What are the differences between utf8 and utf8mb4?

Question

What are the differences between utf8 and utf8mb4?

Asked 9 years, 2 months ago

Viewed 14,650 times

20

When importing my mysql database to a windows server after having created it on a local server (xampp), I could not import into the server the script I exported from the database. So I decided to go copying the scripts from table by table, and I checked that only part of the script gave error:

ENGINE=InnoDB AUTO_INCREMENT=2 DEFAULT CHARSET=utf8mb4 COLLATE=utf8mb4_unicode_ci

By removing all these occurrences from the exported script, I was able to upload the database to the windows server. However, some problems are occurring, such as some pages of the website that get the emphasis changed pro symbols and other problems that I do not know if they are due to the absence of the above line.

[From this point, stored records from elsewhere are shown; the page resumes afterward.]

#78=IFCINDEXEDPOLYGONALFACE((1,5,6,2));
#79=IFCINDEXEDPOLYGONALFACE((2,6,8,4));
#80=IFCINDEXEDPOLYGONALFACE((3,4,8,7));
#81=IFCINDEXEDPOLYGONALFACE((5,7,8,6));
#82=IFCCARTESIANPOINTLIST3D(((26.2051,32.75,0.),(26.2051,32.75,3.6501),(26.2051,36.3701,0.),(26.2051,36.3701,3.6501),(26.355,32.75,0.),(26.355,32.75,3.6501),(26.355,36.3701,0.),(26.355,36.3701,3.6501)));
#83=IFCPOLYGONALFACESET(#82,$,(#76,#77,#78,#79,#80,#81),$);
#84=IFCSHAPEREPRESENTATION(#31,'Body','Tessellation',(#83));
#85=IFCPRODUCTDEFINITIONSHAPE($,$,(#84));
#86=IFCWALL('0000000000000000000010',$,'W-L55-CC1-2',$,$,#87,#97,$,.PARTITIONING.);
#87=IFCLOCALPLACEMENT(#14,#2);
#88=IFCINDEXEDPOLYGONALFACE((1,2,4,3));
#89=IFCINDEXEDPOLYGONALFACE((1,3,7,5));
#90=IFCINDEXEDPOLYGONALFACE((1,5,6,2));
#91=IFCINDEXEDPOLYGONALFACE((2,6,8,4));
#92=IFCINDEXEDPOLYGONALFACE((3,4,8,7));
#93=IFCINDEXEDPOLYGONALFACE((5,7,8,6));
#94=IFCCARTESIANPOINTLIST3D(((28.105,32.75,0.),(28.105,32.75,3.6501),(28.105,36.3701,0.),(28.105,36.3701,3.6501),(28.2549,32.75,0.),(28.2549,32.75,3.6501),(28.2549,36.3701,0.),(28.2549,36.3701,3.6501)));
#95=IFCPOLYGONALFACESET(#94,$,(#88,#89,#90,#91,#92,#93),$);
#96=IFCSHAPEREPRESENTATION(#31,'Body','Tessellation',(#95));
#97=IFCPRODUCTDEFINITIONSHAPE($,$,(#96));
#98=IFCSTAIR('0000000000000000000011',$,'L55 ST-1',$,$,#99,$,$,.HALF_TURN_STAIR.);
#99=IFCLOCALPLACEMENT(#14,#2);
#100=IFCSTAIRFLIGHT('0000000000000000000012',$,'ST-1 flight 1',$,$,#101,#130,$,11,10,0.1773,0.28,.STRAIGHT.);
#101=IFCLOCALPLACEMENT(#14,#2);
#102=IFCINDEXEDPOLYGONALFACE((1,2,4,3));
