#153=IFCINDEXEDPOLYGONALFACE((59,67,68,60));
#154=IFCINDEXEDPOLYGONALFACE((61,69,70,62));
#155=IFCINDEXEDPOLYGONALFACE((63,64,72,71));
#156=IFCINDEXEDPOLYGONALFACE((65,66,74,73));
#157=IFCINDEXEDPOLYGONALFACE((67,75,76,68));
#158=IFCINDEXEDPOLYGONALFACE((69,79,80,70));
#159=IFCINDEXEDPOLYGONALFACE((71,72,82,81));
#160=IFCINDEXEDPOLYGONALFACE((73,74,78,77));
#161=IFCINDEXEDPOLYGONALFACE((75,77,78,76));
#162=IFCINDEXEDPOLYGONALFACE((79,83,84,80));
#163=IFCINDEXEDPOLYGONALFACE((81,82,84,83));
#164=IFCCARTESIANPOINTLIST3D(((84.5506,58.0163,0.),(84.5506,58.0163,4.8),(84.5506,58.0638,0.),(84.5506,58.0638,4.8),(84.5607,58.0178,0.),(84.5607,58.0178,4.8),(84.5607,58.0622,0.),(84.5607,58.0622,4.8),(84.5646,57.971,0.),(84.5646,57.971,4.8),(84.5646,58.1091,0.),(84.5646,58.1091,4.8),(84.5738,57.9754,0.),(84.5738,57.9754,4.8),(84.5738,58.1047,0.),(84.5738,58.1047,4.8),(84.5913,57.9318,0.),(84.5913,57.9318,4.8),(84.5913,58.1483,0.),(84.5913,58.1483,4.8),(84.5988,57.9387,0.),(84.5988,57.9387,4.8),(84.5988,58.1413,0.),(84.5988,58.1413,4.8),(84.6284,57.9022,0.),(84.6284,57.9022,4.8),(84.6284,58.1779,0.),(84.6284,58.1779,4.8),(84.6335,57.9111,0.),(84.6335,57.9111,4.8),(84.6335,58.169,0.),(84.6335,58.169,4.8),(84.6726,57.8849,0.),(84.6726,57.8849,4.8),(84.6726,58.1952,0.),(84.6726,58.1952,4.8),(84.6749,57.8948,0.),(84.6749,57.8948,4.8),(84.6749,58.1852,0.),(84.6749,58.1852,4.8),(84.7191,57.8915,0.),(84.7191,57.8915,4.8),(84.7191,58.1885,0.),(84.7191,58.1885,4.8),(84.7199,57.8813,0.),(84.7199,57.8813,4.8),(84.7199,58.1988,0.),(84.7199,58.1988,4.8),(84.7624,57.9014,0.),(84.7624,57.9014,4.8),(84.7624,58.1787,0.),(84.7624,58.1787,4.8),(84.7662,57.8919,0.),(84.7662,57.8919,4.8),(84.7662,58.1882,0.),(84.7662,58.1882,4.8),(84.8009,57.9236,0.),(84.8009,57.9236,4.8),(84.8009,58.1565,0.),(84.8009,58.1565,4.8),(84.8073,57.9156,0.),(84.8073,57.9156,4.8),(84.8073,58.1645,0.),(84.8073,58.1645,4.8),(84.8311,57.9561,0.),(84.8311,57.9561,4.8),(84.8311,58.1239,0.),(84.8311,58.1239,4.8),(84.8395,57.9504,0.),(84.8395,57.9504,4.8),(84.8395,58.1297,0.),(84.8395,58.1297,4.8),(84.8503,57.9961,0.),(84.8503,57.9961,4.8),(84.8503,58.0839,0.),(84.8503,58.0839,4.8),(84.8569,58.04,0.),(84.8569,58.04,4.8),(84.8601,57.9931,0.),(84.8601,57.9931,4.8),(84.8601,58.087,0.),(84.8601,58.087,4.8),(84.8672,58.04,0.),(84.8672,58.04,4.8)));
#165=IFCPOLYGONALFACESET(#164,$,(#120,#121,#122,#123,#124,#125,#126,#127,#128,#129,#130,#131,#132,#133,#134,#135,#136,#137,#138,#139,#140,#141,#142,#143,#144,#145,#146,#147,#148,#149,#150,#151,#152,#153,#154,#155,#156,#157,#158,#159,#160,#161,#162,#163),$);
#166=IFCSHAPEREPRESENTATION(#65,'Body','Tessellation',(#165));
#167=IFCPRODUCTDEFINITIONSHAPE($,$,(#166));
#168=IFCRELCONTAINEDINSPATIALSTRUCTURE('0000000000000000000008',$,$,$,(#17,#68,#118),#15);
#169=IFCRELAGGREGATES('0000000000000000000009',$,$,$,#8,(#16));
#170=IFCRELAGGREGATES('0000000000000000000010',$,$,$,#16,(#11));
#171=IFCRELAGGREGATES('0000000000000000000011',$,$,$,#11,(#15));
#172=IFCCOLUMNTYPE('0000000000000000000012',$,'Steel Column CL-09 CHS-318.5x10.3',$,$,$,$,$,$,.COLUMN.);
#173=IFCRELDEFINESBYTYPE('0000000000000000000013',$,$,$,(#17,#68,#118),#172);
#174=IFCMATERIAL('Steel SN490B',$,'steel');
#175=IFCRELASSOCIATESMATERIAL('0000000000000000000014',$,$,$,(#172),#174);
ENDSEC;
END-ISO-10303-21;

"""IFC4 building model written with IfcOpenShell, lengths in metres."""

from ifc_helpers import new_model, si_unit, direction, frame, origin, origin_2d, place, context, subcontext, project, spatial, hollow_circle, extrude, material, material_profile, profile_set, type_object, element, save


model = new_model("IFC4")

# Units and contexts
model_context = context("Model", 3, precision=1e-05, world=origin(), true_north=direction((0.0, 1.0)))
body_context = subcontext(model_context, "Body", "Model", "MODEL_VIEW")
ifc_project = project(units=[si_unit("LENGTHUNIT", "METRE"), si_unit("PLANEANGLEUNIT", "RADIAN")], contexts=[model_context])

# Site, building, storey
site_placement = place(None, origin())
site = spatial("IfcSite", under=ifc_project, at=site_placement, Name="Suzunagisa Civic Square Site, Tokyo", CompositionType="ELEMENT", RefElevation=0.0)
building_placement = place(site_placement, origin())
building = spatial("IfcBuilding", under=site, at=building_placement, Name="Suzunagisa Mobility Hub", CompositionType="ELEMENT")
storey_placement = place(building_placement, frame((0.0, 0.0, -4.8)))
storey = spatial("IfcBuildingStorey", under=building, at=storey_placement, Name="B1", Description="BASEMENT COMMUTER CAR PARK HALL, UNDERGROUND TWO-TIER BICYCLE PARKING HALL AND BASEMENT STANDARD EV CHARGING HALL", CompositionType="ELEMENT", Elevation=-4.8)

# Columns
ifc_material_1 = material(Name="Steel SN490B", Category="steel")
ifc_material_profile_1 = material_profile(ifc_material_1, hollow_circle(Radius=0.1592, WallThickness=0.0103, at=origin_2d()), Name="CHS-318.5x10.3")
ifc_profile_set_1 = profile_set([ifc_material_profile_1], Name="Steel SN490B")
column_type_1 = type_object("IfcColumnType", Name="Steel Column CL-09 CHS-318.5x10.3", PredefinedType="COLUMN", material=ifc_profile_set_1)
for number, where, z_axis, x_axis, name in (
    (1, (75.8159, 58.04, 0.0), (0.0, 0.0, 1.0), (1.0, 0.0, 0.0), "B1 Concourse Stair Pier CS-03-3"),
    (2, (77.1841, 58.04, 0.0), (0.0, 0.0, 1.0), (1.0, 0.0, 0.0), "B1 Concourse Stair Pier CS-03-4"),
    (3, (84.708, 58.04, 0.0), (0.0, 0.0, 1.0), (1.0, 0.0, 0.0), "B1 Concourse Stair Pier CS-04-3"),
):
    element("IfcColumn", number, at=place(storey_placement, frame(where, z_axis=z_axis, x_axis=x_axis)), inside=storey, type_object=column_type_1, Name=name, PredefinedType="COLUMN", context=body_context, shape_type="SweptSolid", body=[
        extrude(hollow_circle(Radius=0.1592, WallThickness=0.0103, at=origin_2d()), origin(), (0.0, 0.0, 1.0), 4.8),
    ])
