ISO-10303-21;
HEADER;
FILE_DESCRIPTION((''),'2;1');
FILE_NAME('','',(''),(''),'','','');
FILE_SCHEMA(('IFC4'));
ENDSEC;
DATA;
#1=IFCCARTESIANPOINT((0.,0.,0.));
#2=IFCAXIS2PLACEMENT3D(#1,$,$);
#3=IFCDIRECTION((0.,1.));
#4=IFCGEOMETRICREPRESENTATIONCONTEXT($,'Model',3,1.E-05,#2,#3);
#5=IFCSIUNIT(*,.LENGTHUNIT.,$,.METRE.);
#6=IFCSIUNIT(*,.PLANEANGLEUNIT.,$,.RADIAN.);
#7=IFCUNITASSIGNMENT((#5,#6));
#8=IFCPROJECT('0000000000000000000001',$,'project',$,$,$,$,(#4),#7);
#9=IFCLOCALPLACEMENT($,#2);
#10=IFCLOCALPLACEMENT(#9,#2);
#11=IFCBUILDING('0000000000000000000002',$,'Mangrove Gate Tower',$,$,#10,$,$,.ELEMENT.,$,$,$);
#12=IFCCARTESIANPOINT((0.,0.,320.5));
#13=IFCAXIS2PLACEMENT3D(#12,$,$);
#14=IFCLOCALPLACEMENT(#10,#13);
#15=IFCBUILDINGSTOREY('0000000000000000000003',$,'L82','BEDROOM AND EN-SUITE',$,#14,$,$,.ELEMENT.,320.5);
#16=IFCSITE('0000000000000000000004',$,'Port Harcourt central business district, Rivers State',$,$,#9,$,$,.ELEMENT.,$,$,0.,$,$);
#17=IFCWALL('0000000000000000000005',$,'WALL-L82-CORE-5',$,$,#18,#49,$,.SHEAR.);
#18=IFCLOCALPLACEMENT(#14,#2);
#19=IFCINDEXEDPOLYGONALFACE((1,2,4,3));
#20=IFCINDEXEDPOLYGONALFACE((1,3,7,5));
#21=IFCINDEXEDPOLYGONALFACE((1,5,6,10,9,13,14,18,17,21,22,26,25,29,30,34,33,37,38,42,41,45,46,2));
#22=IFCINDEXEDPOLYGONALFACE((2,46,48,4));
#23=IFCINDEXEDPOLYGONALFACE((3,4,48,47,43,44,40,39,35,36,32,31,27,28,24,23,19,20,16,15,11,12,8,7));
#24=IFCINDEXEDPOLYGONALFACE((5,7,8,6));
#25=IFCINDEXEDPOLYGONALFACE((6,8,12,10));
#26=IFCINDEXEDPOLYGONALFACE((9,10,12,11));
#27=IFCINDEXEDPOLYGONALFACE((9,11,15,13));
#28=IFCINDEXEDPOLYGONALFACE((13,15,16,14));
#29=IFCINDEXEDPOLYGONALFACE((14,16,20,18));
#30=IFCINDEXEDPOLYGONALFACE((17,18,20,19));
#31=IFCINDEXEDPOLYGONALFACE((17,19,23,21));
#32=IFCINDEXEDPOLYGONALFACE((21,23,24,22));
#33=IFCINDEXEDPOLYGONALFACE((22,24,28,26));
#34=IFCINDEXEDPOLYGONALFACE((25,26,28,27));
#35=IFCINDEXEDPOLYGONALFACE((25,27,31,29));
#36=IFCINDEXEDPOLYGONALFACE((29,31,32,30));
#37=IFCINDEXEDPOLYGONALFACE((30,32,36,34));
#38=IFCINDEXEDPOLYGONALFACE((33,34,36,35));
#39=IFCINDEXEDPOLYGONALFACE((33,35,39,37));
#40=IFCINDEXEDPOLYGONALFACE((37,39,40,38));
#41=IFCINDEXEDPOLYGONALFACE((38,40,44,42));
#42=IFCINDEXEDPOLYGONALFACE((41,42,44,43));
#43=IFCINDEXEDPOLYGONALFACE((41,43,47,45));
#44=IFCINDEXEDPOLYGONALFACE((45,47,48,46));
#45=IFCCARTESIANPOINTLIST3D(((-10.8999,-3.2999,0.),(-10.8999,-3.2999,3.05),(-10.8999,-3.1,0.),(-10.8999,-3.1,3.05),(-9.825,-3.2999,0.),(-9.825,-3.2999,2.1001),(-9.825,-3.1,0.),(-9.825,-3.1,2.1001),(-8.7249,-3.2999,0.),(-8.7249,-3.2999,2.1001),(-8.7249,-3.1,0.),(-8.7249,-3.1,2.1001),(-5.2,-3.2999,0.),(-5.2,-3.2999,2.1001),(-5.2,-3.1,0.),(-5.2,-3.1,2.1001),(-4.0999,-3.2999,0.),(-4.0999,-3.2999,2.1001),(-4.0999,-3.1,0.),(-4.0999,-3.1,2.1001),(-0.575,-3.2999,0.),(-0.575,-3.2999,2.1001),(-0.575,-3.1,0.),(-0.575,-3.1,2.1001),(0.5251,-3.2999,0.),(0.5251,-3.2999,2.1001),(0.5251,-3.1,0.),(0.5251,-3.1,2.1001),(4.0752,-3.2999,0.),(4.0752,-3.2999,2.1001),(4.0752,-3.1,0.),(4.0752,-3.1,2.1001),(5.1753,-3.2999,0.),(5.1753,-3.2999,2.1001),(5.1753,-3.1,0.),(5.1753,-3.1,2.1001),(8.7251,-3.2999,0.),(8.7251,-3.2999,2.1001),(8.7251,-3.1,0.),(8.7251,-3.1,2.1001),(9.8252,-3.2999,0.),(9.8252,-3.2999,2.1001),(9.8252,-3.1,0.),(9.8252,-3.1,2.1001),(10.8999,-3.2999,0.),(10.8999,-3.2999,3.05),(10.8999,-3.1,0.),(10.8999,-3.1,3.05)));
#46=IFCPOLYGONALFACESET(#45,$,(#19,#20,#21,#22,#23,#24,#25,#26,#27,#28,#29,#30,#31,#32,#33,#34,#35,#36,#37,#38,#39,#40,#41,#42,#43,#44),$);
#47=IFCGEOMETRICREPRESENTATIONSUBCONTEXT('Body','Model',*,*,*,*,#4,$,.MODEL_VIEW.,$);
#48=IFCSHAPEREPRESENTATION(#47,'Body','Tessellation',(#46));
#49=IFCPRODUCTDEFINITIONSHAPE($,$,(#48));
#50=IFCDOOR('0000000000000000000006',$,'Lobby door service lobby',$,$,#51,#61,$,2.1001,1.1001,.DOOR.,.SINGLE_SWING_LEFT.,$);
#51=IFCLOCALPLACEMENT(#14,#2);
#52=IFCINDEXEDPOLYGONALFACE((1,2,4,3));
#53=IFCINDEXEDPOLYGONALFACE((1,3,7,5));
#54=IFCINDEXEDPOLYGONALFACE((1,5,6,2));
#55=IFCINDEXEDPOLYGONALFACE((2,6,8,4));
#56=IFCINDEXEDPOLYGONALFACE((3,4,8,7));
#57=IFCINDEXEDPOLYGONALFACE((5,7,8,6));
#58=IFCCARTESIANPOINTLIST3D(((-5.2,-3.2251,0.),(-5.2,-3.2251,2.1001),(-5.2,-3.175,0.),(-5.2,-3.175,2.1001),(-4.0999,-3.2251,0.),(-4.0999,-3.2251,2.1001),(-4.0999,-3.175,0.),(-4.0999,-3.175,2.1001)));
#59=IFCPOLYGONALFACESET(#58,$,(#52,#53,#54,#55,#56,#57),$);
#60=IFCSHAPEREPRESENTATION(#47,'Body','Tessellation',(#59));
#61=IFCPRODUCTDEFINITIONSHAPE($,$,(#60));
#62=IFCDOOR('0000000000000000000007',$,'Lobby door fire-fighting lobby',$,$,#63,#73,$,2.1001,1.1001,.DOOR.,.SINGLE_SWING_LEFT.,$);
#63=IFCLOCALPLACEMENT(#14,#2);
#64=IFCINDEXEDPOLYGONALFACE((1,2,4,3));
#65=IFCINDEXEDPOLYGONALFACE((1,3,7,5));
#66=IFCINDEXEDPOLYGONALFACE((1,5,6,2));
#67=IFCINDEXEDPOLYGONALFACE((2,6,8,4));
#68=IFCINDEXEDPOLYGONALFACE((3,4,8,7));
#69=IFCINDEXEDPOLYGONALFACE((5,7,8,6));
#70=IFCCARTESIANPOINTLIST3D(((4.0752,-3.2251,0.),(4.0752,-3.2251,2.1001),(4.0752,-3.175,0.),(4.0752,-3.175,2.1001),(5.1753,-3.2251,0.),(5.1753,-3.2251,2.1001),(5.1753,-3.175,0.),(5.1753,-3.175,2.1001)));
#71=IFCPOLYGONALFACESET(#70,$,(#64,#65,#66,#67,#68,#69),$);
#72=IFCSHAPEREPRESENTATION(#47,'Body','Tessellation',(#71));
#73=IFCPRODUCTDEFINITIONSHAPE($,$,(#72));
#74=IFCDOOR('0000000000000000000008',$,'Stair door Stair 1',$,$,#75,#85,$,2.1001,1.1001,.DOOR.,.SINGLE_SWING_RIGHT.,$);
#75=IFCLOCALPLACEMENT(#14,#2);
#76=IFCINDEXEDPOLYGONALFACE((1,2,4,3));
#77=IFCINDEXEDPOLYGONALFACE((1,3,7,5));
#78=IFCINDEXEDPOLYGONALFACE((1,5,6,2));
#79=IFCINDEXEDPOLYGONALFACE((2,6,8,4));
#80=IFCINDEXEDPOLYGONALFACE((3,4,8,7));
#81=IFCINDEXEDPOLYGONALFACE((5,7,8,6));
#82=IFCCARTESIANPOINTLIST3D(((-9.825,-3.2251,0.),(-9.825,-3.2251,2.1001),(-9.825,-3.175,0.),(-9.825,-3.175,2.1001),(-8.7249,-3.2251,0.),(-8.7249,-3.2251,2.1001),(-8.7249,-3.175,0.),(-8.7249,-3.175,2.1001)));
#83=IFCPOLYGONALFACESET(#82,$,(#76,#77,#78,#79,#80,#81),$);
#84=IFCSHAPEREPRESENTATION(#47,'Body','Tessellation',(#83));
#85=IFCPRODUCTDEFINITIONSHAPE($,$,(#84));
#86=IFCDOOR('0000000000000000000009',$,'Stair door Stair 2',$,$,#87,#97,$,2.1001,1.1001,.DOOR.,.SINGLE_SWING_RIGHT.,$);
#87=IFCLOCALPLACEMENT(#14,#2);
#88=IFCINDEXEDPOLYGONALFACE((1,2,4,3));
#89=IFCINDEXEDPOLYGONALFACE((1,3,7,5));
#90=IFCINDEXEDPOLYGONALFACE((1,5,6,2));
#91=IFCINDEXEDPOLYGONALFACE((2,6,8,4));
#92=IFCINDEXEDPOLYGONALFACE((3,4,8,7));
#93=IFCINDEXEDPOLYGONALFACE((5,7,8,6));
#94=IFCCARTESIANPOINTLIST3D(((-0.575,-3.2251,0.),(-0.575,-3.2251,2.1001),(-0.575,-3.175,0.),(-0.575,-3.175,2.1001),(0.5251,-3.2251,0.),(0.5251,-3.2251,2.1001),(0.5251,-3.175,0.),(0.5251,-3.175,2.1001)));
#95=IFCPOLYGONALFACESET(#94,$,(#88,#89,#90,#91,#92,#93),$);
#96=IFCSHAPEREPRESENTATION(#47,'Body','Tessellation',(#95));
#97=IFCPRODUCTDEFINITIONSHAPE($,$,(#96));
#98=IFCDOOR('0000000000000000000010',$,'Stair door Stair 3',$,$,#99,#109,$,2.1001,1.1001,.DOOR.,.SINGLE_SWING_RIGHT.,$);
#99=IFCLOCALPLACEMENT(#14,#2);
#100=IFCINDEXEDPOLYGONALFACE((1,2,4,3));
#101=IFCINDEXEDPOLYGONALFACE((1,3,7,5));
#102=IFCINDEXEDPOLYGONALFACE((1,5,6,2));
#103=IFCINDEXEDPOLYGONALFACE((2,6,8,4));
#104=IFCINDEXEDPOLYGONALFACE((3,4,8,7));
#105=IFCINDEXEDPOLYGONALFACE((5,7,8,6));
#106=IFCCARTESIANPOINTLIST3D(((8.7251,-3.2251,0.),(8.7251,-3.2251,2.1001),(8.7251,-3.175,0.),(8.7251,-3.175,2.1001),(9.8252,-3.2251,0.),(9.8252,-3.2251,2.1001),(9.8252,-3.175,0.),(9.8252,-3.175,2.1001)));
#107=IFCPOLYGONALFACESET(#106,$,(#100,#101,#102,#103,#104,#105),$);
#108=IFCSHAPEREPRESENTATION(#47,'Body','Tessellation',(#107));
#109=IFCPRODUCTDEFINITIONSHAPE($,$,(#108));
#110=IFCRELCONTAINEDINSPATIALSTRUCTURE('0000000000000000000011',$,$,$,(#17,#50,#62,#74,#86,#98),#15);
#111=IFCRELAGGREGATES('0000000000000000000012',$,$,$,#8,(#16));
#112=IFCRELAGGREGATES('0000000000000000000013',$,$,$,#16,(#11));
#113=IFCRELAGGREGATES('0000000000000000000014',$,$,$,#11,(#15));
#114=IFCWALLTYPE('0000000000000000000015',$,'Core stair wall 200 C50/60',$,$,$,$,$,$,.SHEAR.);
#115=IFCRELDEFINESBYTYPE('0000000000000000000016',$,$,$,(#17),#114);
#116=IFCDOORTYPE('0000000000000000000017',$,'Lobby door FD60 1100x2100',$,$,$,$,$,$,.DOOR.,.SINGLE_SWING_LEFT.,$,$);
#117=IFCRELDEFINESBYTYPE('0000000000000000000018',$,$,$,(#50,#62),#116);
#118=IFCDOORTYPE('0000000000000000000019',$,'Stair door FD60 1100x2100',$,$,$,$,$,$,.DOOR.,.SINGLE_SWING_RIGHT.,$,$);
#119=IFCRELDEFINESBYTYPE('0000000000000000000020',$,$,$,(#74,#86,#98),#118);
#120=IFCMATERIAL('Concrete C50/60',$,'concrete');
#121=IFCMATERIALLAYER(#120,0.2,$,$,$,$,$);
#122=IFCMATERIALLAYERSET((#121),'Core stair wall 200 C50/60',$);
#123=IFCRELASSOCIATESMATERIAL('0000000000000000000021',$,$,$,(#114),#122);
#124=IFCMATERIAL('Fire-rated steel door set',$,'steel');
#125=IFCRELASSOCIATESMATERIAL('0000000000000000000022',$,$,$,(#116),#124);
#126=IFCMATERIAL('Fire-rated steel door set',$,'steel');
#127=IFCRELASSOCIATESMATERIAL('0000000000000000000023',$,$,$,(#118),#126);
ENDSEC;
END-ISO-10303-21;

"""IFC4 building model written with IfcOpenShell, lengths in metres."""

from ifc_helpers import new_model, si_unit, direction, frame, frame_2d, origin, place, context, subcontext, project, spatial, rectangle, extrude, material, layer, layer_set, type_object, element, fill, save


model = new_model("IFC4")

# Units and contexts
model_context = context("Model", 3, precision=1e-05, world=origin(), true_north=direction((0.0, 1.0)))
body_context = subcontext(model_context, "Body", "Model", "MODEL_VIEW")
ifc_project = project(units=[si_unit("LENGTHUNIT", "METRE"), si_unit("PLANEANGLEUNIT", "RADIAN")], contexts=[model_context])

# Site, building, storey
site_placement = place(None, origin())
site = spatial("IfcSite", under=ifc_project, at=site_placement, Name="Port Harcourt central business district, Rivers State", CompositionType="ELEMENT", RefElevation=0.0)
building_placement = place(site_placement, origin())
building = spatial("IfcBuilding", under=site, at=building_placement, Name="Mangrove Gate Tower", CompositionType="ELEMENT")
storey_placement = place(building_placement, frame((0.0, 0.0, 320.5)))
storey = spatial("IfcBuildingStorey", under=building, at=storey_placement, Name="L82", Description="BEDROOM AND EN-SUITE", CompositionType="ELEMENT", Elevation=320.5)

I wanted to understand a(s) difference(s) that there is (m) between utf8 and utf8mb4, to see if this may be causing the website problems.

utf8mb4 allows an extra byte in the encoding, basically this. For use in current languages, utf8mb4 is the same as the 3 byte version. Probably your problem is elsewhere in the code.

– Bacco

2016/04/22 at 19:17
but in those lines where are the options CHARSET and COLLATE, it is only for that that they serve, allow an extra byte in coding?

– DiChrist

2016/04/22 at 19:18
1

basically changes nothing anywhere but taking up more space in DB when you set something in CHAR. CHAR(10) reserves 30 bytes in utf8, CHAR(10) reserves 40 in utf8mb4, and CHAR(10) reserves 10 bytes in Latin. BMP characters, which are those supported by utf8 are identical to utf8mb4.

– Bacco

2016/04/22 at 19:20
Oh I get it, so that shouldn’t be the cause of the problem here, send your comment as an answer for me to accept

– DiChrist

2016/04/22 at 19:24
I do not promise, but if I take some more technical references, then put as an answer. I just wanted to move the subject forward so you have a basic notion. I think the answer, It is missing by good sources for staff consult (I think answers of this type deserve a more detailed explanation, so if you give I elaborate better later).

– Bacco

2016/04/22 at 19:25
Beauty, in the waiting.

– DiChrist

2016/04/22 at 19:30
4

Obviously, if someone wants to post a detailed answer, and talking things through, feel free (if it is to explain better, otherwise I recommend leaving it as a comment as well. If to talk nonsense, the comment "saves" the person from negativation).

– Bacco

2016/04/22 at 19:32

Show 2 more comments

1 answer

Browser other questions tagged mysql sql utf-8

You are not signed in. Login or sign up in order to post.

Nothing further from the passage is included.